A team captain along with fellow Hall o’ Famers Clay Reilly and Jacob Martin, he led by example, busting his tail and delivering big plays.

Of all of his games in red and black, Uriel’s biggest probably came during his senior year, when he led a fired-up Wolves squad to a 41-10 thrashing of arch-rival South Whidbey as Coupeville retained possession of The Bucket.

As I wrote in the game story that night:

Senior Uriel Liquidano was a beast unleashed, spending most of his night gently cradling frightened Falcons as he slammed them to the turf after shedding would-be blockers.

Denied!

That smash-mouth playing style carried over to the soccer pitch, where he operated primarily as a defender for the Wolves.

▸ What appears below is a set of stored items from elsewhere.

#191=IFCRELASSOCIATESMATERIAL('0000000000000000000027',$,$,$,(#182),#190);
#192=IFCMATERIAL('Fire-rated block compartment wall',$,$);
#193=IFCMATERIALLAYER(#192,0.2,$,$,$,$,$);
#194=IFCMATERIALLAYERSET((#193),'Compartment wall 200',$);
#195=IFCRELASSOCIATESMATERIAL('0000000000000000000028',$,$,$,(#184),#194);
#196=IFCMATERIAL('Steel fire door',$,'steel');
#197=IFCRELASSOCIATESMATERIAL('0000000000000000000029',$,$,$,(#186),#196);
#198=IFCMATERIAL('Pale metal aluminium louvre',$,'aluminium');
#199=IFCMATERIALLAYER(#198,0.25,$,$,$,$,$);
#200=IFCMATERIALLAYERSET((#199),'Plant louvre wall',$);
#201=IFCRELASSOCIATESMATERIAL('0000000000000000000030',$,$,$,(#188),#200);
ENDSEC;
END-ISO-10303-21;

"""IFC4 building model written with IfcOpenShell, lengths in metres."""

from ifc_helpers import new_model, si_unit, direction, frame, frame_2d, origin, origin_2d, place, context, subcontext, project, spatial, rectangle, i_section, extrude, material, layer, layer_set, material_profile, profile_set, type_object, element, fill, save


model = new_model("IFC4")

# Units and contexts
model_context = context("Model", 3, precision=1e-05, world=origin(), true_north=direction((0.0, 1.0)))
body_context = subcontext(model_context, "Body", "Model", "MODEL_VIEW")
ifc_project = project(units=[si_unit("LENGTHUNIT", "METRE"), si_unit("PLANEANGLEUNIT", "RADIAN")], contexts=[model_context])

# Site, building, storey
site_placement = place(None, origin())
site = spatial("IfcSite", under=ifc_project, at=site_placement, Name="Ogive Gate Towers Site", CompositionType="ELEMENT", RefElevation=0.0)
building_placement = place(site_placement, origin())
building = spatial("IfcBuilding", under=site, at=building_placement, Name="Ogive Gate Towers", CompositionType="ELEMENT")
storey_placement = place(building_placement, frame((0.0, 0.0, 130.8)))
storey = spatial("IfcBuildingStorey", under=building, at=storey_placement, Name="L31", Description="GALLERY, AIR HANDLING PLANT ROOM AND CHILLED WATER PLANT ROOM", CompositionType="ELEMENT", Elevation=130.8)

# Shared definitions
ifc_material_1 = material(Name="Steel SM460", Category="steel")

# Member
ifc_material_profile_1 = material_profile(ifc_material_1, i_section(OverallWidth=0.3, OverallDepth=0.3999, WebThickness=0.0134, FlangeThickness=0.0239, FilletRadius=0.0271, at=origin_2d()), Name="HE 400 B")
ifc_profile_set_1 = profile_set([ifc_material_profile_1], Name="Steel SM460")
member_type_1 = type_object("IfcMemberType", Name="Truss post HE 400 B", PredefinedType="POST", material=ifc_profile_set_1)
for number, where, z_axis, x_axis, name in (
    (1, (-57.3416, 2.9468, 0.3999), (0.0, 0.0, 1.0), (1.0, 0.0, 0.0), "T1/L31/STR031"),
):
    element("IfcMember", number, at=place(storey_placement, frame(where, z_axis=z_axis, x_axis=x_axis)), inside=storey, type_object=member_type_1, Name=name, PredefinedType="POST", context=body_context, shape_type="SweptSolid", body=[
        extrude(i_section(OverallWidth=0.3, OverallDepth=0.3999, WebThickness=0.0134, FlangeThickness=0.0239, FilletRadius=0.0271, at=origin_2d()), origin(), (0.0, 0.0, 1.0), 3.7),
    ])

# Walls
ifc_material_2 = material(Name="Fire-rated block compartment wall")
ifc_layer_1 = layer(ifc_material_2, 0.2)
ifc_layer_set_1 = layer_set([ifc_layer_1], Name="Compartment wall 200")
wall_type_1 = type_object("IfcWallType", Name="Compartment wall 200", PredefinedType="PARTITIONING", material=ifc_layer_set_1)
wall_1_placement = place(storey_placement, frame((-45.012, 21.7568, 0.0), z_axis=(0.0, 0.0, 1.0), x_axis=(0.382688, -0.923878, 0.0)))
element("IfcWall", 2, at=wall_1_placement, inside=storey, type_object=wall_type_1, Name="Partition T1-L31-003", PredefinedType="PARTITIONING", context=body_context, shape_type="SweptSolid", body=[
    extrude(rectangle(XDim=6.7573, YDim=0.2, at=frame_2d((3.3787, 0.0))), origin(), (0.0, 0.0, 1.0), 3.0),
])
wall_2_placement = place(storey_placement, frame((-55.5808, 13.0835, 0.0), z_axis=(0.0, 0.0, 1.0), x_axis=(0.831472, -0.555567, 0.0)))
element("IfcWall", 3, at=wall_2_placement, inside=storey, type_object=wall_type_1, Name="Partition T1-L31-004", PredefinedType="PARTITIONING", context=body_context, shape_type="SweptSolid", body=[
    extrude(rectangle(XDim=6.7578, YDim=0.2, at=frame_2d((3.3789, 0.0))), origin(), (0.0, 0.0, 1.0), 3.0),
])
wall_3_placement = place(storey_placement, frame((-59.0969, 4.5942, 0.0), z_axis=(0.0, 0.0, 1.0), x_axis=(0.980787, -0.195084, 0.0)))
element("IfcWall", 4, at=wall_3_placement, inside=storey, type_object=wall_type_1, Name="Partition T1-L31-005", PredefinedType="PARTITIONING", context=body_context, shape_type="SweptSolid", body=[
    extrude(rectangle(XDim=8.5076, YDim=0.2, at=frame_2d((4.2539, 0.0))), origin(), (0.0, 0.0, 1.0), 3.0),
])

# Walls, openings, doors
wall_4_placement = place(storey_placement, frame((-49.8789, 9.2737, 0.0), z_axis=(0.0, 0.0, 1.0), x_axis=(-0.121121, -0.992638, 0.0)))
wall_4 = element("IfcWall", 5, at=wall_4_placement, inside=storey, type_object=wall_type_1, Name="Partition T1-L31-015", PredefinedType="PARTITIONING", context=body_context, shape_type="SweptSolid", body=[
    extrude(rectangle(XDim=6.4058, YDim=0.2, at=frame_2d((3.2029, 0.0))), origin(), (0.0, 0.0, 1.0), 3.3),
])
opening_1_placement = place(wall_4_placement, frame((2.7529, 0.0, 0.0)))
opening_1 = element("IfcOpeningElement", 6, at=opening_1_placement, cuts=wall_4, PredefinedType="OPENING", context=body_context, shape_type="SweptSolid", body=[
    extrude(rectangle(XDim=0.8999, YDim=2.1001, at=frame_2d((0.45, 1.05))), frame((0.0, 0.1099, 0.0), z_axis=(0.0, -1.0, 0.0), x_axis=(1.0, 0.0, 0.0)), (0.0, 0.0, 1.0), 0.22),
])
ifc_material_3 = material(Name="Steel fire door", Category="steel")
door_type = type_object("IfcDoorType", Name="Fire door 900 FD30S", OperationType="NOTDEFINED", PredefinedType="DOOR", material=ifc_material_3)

Bust through Coupeville’s front line and Uriel was waiting to use and abuse you, sailing into battle with a huge smile on his face and his elbows set to “Crush Mode.”

An honor student off the field, and a guy who gave you everything he had from opening whistle to final whistle, he remains one of my favorite athletes to cover from the Coupeville Sports days.

So happy cake day, Uriel, best wishes for the future, and appreciation for the past.

You are the real deal, sir. Always have been, always will be.

Liquidano, Jacob Martin (32), and Clay Reilly (2) went out as champs, thrashing South Whidbey 41-10 as seniors.